For a visual inspection of the clusters, splot:

from pysal.viz import splot
from splot.esda import lisa_cluster
lisa_cluster(lisa, abb_hex, p=0.01);
../../_images/05-Spatial_feature_eng_ii_56_0.png

And, if we want to extract the labels for each polygon, we can do so from the lisa object:

lisa.q * (lisa.p_sim < 0.01)
array([0, 0, 1, 0, 0, 3, 0, 0, 0, 3, 0, 0, 0, 0, 0, 0, 0, 0, 0, 0, 0, 0,
       0, 0, 3, 0, 0, 0, 0, 0, 0, 0, 0, 0, 1, 0, 3, 0, 3, 0, 3, 3, 1, 0,
       0, 0, 0, 0, 0, 0, 0, 0, 0, 0, 0, 0, 3, 0, 3, 0, 0, 0, 0, 0, 0, 0,
       0, 0, 0, 0, 0, 0, 0, 0, 0, 0, 0, 0, 0, 1, 0, 0, 0, 0, 0, 0, 0, 0,
       0, 0, 0, 0, 0, 0, 0, 3, 3, 0, 0, 0, 0, 0, 0, 0, 0, 0, 0, 0, 0, 3,
       0, 0, 0, 0, 0, 1, 0, 1, 0, 0, 0, 0, 0, 0, 3, 0, 3, 0, 0, 0, 0, 0,
       0, 0, 0, 0, 0, 0, 0, 3, 0, 0, 0, 0, 0, 0, 0, 0, 3, 0, 3, 0, 3, 0,
       0, 0, 0, 0, 0, 0, 0, 0, 1, 0, 0, 0, 0, 0, 0, 0, 0, 0, 0, 3, 3, 0,
       0, 0, 0, 0, 0, 0, 0, 0, 0, 3, 0, 0, 0, 0, 3, 0, 0, 0, 2, 0, 1, 0,
       0, 0, 0, 0, 0, 0, 0, 0, 0, 0, 0, 0, 0, 0, 0, 3, 0, 0, 0, 0, 0, 0,
       0, 0, 3, 0, 0, 0, 3, 0, 0, 0, 0, 0, 3, 0, 3, 0, 0, 0, 0, 3, 3, 0,
       0, 0, 0, 0, 0, 0, 0, 0, 0, 0, 0, 0, 0, 0, 0, 0, 0, 0, 0, 0, 3, 0,
       0, 0, 0, 0, 0, 0, 0, 0, 0, 0, 0, 0, 0, 0, 0, 0, 0, 0, 0, 3, 0, 3,
       0, 3, 0, 3, 0, 0, 0, 3, 0, 0, 3, 0, 0, 1, 0, 3, 3, 0, 0, 0, 1, 0,
       0, 0, 0, 0, 0, 0, 1, 3, 0, 0, 0, 0, 0, 3, 0, 0, 0])

🐾 Next steps

If you want a bit more background into some of the techniques reviewed in this block, the following might be of interest:

  • Block E of the GDS Course [AB19] will introduce you to more techniques like the LISAs seen above to explore the spatial dimension of the statistical properties of your data.
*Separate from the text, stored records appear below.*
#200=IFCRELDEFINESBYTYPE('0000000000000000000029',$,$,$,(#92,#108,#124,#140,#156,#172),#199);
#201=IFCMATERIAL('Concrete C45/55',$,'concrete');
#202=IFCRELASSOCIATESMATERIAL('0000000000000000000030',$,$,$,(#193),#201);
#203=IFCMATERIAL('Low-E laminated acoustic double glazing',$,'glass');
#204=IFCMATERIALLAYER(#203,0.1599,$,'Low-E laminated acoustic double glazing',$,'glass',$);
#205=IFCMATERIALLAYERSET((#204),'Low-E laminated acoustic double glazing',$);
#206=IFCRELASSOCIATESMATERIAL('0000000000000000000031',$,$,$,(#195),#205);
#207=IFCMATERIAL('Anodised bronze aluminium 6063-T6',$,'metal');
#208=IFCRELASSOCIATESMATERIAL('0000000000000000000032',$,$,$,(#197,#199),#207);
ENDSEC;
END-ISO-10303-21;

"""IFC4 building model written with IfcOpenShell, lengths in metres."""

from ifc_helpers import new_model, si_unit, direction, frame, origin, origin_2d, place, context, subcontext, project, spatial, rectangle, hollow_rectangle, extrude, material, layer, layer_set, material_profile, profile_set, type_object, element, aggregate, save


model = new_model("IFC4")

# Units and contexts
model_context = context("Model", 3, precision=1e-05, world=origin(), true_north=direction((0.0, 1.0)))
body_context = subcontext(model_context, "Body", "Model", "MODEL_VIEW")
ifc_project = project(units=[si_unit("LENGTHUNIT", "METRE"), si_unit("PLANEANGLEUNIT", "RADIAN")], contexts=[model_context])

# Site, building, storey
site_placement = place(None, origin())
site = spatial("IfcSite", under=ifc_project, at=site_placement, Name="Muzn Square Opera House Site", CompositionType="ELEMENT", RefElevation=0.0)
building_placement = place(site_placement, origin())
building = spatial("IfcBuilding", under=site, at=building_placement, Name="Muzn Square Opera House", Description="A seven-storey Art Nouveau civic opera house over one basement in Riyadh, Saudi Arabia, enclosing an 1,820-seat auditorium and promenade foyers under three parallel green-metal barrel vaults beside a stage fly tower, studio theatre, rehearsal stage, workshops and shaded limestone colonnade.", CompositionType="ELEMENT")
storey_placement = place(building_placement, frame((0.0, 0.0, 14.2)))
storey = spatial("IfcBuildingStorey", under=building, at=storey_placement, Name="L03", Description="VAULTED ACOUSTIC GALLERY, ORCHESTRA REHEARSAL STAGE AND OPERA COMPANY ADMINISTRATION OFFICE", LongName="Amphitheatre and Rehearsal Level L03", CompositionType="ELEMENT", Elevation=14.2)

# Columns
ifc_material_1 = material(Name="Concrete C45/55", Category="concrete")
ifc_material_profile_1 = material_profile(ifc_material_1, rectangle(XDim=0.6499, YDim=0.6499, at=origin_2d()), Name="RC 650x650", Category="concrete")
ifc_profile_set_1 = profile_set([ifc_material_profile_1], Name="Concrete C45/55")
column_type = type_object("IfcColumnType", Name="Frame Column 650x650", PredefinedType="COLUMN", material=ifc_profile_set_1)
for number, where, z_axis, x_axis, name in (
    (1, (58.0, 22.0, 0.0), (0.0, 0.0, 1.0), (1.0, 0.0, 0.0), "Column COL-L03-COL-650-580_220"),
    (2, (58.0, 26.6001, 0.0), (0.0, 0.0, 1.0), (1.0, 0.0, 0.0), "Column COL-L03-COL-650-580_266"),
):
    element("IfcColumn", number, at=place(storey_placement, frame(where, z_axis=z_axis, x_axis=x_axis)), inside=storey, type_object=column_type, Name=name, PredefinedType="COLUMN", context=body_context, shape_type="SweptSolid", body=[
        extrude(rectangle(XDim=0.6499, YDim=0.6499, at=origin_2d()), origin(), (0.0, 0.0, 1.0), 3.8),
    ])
If you want a more detailed read, Chapter 4 of the GDS Book [RABWng] will do just that.

  • Block F of the GDS Course [AB19] will introduce you to more techniques like the LISAs seen above to explore the spatial dimension of the statistical properties of your data. If you want a more detailed read, Chapter 7 of the GDS Book [RABWng] will do just that.

  • Block H of the GDS Course [AB19] will introduce you to more techniques for exploring point patterns. If you want a more comprehensive read, Chapter 8 of the GDS Book [RABWng] will do just that.